Kisah Qurban putera-putera Nabi Adam AS dalam QS Al-Maidah ayat 27, memberi pelajaran yang besar bagi kita. Bahwa berqurban agar diterima oleh Allah SWT harus memenuhi 2 unsur:
  1. Kelurusan motivasi yaitu Ikhlas karena Allah
  2. Benar caranya yaitu sesuai syari’at Islam
Tidak setiap yang berqurban akan diterima oleh Allah Ta’ala, sebab jika ada kesalahan dalam ber-Qurban maka; Qurban tersebut tidak akan diterima. Sebagaimana Qurban-nya salah satu putera nabi Adam yaitu Qabil. Firman Allah SWT: “Ceriterakanlah kepada mereka kisah kedua putra Adam (Habil dan Kabil) menurut yang sebenarnya, ketika keduanya mempersembahkan kurban, maka diterima dari salah seorang dari mereka berdua (Habil) dan tidak diterima dari yang lain (Kabil). Ia berkata (Kabil): “Aku pasti membunuhmu!” Berkata Habil: “Sesungguhnya Allah hanya menerima (korban) dari orang-orang yang bertakwa”. (QS Al-Maidah (5) ayat 27)

Zaman Nabi Adam AS ketika manusia masih sedikit, maka syariatnya dibolehkan menikah dengan saudara sendiri. Nabi Adam memiliki 2 pasang putera kembar saat itu, Qabil (laki-laki) bersaudara kembar Iklima (perempuan), kemudian Habil (laki-laki) bersaudara kembar Labuda.

Saat itu pernikahan saudara kembar dilakukan silang, berarti Qabil sah menikahi Labuda dan Habil sah menikahi Iklima.

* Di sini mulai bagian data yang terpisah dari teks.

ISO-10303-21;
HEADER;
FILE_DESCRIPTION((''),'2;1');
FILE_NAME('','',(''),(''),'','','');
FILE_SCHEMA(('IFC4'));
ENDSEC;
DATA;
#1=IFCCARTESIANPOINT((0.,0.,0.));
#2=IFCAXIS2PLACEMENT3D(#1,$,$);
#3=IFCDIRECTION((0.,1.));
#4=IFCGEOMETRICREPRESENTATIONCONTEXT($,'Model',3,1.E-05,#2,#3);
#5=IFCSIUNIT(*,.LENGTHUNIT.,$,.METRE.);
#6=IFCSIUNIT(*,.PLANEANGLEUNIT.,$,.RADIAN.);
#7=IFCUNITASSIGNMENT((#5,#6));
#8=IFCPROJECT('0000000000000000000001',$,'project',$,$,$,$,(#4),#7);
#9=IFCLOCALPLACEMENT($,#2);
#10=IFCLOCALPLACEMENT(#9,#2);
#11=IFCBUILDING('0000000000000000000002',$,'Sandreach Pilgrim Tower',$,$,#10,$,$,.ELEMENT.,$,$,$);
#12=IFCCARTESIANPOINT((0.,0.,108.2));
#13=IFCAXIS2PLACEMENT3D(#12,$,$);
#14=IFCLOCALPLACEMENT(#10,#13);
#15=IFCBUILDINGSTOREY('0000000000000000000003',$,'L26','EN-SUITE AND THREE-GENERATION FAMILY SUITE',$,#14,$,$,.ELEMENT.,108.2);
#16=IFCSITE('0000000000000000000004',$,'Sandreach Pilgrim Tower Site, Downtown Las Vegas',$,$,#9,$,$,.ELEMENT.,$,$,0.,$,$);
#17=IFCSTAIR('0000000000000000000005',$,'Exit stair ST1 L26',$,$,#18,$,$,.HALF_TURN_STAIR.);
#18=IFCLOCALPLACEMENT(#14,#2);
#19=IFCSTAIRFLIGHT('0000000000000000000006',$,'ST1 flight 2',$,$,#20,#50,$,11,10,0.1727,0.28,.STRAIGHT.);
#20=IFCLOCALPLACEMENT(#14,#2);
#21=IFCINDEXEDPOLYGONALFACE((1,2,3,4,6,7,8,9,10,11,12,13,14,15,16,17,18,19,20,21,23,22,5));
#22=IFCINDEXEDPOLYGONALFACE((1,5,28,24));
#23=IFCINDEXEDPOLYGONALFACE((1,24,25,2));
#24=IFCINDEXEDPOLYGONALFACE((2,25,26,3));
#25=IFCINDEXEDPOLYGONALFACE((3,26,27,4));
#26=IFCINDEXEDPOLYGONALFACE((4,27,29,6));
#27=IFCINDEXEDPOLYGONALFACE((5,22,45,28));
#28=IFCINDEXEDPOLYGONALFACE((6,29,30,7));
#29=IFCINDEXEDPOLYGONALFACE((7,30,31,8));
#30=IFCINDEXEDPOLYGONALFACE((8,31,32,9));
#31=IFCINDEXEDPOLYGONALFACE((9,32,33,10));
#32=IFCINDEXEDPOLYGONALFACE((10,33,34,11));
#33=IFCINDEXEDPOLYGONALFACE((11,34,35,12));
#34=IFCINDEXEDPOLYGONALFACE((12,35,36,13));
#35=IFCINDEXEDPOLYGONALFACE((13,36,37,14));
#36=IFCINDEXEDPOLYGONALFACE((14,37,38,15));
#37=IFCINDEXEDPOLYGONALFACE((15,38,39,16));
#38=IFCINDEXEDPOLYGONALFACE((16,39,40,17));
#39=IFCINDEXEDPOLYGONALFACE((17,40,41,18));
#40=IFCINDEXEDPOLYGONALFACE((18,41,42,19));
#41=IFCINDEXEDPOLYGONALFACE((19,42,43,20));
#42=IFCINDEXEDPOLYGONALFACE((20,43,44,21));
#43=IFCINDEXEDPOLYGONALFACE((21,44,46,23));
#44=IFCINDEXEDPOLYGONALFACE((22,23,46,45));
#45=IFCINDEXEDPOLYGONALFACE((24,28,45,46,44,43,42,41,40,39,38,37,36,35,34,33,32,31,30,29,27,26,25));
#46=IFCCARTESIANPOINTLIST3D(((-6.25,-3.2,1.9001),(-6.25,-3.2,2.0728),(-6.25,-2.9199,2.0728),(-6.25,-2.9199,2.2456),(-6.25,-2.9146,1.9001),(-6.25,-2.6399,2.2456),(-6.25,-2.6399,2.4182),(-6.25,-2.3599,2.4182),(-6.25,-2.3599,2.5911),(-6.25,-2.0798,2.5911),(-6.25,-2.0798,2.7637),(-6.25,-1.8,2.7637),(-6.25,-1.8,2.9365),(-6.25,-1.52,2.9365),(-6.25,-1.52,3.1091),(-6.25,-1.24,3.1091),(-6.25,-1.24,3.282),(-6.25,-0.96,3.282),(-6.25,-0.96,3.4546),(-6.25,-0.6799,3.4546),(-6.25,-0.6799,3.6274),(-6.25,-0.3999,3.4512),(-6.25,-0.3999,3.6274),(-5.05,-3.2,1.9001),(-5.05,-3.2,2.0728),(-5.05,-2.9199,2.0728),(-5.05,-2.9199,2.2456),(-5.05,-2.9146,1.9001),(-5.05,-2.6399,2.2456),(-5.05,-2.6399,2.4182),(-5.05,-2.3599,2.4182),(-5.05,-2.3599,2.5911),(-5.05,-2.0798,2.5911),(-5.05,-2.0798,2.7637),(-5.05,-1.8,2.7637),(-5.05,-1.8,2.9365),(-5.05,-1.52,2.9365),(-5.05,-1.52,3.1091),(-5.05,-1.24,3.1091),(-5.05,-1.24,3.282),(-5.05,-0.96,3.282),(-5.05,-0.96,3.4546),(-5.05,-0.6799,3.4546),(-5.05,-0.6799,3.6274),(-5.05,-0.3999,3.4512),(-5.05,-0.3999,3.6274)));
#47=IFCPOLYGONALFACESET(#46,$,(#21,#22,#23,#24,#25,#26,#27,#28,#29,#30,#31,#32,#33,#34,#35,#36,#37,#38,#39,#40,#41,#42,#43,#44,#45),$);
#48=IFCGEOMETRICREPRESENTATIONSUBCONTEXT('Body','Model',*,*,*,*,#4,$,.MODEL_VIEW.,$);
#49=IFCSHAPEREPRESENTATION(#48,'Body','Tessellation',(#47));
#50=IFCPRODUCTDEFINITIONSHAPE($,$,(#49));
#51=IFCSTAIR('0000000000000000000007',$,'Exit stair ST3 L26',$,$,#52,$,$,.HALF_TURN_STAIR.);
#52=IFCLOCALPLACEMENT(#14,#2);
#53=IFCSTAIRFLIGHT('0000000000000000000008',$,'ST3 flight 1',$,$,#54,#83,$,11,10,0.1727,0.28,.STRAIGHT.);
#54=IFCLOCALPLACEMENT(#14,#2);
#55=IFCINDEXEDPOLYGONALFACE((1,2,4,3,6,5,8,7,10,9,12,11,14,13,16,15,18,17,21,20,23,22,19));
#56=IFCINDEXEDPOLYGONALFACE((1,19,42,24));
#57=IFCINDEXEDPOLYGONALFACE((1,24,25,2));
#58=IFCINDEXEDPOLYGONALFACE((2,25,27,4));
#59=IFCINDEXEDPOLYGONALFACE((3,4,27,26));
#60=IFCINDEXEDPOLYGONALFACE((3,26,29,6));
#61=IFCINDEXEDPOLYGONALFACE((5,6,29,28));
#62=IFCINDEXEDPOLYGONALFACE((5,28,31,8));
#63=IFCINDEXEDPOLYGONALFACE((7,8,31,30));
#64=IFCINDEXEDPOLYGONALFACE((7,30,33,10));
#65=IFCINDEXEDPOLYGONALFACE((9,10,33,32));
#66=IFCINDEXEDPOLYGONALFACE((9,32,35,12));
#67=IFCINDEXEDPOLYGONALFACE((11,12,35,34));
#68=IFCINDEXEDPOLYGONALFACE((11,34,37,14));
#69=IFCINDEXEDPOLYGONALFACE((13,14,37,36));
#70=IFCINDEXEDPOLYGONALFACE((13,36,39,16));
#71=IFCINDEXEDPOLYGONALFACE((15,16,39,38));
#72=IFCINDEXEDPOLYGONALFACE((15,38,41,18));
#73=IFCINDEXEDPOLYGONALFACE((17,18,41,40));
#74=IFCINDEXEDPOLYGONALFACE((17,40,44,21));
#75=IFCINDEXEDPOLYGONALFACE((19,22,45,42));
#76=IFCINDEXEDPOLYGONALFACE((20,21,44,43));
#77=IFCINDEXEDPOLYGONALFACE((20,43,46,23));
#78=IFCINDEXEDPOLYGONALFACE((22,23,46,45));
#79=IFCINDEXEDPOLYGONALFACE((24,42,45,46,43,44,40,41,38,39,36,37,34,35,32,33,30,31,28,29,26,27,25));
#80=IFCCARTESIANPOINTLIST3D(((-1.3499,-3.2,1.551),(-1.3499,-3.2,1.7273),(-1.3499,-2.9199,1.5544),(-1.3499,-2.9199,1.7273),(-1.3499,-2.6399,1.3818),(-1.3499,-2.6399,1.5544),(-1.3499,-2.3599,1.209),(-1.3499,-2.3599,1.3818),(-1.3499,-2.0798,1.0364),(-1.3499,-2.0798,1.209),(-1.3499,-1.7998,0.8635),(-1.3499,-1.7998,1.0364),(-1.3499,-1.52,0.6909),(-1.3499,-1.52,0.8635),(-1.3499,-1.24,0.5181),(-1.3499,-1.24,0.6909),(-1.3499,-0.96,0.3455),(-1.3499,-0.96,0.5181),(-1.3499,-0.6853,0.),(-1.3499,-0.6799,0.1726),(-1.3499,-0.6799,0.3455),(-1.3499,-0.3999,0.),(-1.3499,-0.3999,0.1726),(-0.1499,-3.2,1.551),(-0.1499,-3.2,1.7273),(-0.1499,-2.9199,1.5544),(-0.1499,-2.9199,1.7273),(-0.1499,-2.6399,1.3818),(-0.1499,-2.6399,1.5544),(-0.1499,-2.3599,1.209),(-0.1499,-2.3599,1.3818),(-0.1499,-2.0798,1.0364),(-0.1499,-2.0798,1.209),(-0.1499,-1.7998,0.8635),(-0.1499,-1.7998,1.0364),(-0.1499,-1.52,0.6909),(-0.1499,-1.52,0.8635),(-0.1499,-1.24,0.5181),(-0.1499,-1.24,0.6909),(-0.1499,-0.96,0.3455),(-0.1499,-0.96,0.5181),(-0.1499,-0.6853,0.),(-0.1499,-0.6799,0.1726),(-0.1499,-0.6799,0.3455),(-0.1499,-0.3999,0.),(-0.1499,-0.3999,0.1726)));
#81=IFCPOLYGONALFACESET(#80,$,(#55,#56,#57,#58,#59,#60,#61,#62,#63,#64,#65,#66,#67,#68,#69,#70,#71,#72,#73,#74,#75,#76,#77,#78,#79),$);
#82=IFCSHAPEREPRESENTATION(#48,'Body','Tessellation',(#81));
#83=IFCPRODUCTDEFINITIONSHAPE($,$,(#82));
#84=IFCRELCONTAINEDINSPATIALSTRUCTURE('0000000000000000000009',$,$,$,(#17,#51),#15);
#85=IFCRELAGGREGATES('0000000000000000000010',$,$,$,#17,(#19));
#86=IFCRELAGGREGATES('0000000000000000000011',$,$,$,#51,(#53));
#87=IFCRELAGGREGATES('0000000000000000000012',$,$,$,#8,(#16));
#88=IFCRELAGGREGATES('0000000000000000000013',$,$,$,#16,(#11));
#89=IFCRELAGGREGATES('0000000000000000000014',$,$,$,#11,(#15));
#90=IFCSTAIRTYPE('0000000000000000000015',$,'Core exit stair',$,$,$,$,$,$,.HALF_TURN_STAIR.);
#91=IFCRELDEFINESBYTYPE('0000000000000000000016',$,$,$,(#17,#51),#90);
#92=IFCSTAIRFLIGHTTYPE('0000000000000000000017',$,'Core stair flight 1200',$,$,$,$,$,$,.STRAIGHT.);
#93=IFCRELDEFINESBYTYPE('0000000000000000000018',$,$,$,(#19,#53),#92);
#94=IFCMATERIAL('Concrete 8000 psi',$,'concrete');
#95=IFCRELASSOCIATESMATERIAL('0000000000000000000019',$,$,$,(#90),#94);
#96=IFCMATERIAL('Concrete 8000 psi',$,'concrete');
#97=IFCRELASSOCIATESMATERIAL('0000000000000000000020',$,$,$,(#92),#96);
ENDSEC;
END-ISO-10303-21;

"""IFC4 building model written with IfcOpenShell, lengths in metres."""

from ifc_helpers import new_model, si_unit, direction, frame, origin, place, context, subcontext, project, spatial, polyline, outline, extrude, material, type_object, element, aggregate, save


model = new_model("IFC4")

# Units and contexts
model_context = context("Model", 3, precision=1e-05, world=origin(), true_north=direction((0.0, 1.0)))
body_context = subcontext(model_context, "Body", "Model", "MODEL_VIEW")
ifc_project = project(units=[si_unit("LENGTHUNIT", "METRE"), si_unit("PLANEANGLEUNIT", "RADIAN")], contexts=[model_context])

# Site, building, storey
site_placement = place(None, origin())
site = spatial("IfcSite", under=ifc_project, at=site_placement, Name="Sandreach Pilgrim Tower Site, Downtown Las Vegas", CompositionType="ELEMENT", RefElevation=0.0)
building_placement = place(site_placement, origin())
building = spatial("IfcBuilding", under=site, at=building_placement, Name="Sandreach Pilgrim Tower", CompositionType="ELEMENT")
storey_placement = place(building_placement, frame((0.0, 0.0, 108.2)))
storey = spatial("IfcBuildingStorey", under=building, at=storey_placement, Name="L26", Description="EN-SUITE AND THREE-GENERATION FAMILY SUITE", CompositionType="ELEMENT", Elevation=108.2)

# Stairs, stair flights
ifc_material_1 = material(Name="Concrete 8000 psi", Category="concrete")
stair_type = type_object("IfcStairType", Name="Core exit stair", PredefinedType="HALF_TURN_STAIR", material=ifc_material_1)
stair_1_placement = place(storey_placement, origin())
stair_1 = element("IfcStair", 1, at=stair_1_placement, inside=storey, type_object=stair_type, Name="Exit stair ST1 L26", PredefinedType="HALF_TURN_STAIR")
ifc_material_2 = material(Name="Concrete 8000 psi", Category="concrete")
stair_flight_type = type_object("IfcStairFlightType", Name="Core stair flight 1200", PredefinedType="STRAIGHT", material=ifc_material_2)
stair_flight_1_placement = place(storey_placement, frame((-5.6499, -3.2, 1.9001), z_axis=(0.0, 0.0, 1.0), x_axis=(0.0, 1.0, 0.0)))
stair_flight_1 = element("IfcStairFlight", 2, at=stair_flight_1_placement, type_object=stair_flight_type, Name="ST1 flight 2", NumberOfRisers=11, NumberOfTreads=10, PredefinedType="STRAIGHT", RiserHeight=0.1727, TreadLength=0.28, context=body_context, shape_type="SweptSolid", body=[
    extrude(outline(polyline([(0.0, 0.0), (0.0, 0.1726), (0.28, 0.1726), (0.28, 0.3455), (0.5601, 0.3455), (0.5601, 0.5181), (0.8401, 0.5181), (0.8401, 0.6909), (1.1201, 0.6909), (1.1201, 0.8635), (1.3999, 0.8635), (1.3999, 1.0364), (1.6799, 1.0364), (1.6799, 1.209), (1.96, 1.209), (1.96, 1.3818), (2.24, 1.3818), (2.24, 1.5544), (2.52, 1.5544), (2.52, 1.7273), (2.8, 1.7273), (2.8, 1.8999), (2.8, 1.551), (0.2854, 0.0), (0.0, 0.0)])), frame((0.0, 0.6001, 0.0), z_axis=(0.0, -1.0, 0.0), x_axis=(1.0, 0.0, 0.0)), (0.0, 0.0, 1.0), 1.2),
])
aggregate(stair_1, [stair_flight_1])
stair_2_placement = place(storey_placement, origin())
stair_2 = element("IfcStair", 3, at=stair_2_placement, inside=storey, type_object=stair_type, Name="Exit stair ST3 L26", PredefinedType="HALF_TURN_STAIR")
stair_flight_2_placement = place(storey_placement, frame((-0.75, -0.3999, 0.0), z_axis=(0.0, 0.0, 1.0), x_axis=(0.0, -1.0, 0.0)))
stair_flight_2 = element("IfcStairFlight", 4, at=stair_flight_2_placement, type_object=stair_flight_type, Name="ST3 flight 1", NumberOfRisers=11, NumberOfTreads=10, PredefinedType="STRAIGHT", RiserHeight=0.1727, TreadLength=0.28, context=body_context, shape_type="SweptSolid", body=[
    extrude(outline(polyline([(0.0, 0.0), (0.0, 0.1726), (0.28, 0.1726), (0.28, 0.3455), (0.5601, 0.3455), (0.5601, 0.5181), (0.8401, 0.5181), (0.8401, 0.6909), (1.1201, 0.6909), (1.1201, 0.8635), (1.3999, 0.8635), (1.3999, 1.0364), (1.6799, 1.0364), (1.6799, 1.209), (1.96, 1.209), (1.96, 1.3818), (2.24, 1.3818), (2.24, 1.5544), (2.52, 1.5544), (2.52, 1.7273), (2.8, 1.7273), (2.8, 1.8999), (2.8, 1.551), (0.2854, 0.0), (0.0, 0.0)])), frame((0.0, 0.6001, 0.0), z_axis=(0.0, -1.0, 0.0), x_axis=(1.0, 0.0, 0.0)), (0.0, 0.0, 1.0), 1.2),
])
aggregate(stair_2, [stair_flight_2])

save(model, "model.ifc")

Akan tetapi Qabil merasa tidak puas dengan aturan seperti itu, karena menurutnya Iklima (saudara kembarnya sendiri) lebih menarik hatinya, dibandingkan Labuda. Terjadilah peristiwa pembunuhan Habil oleh Qabil, sebagai tragedi pembunuhan manusia pertama.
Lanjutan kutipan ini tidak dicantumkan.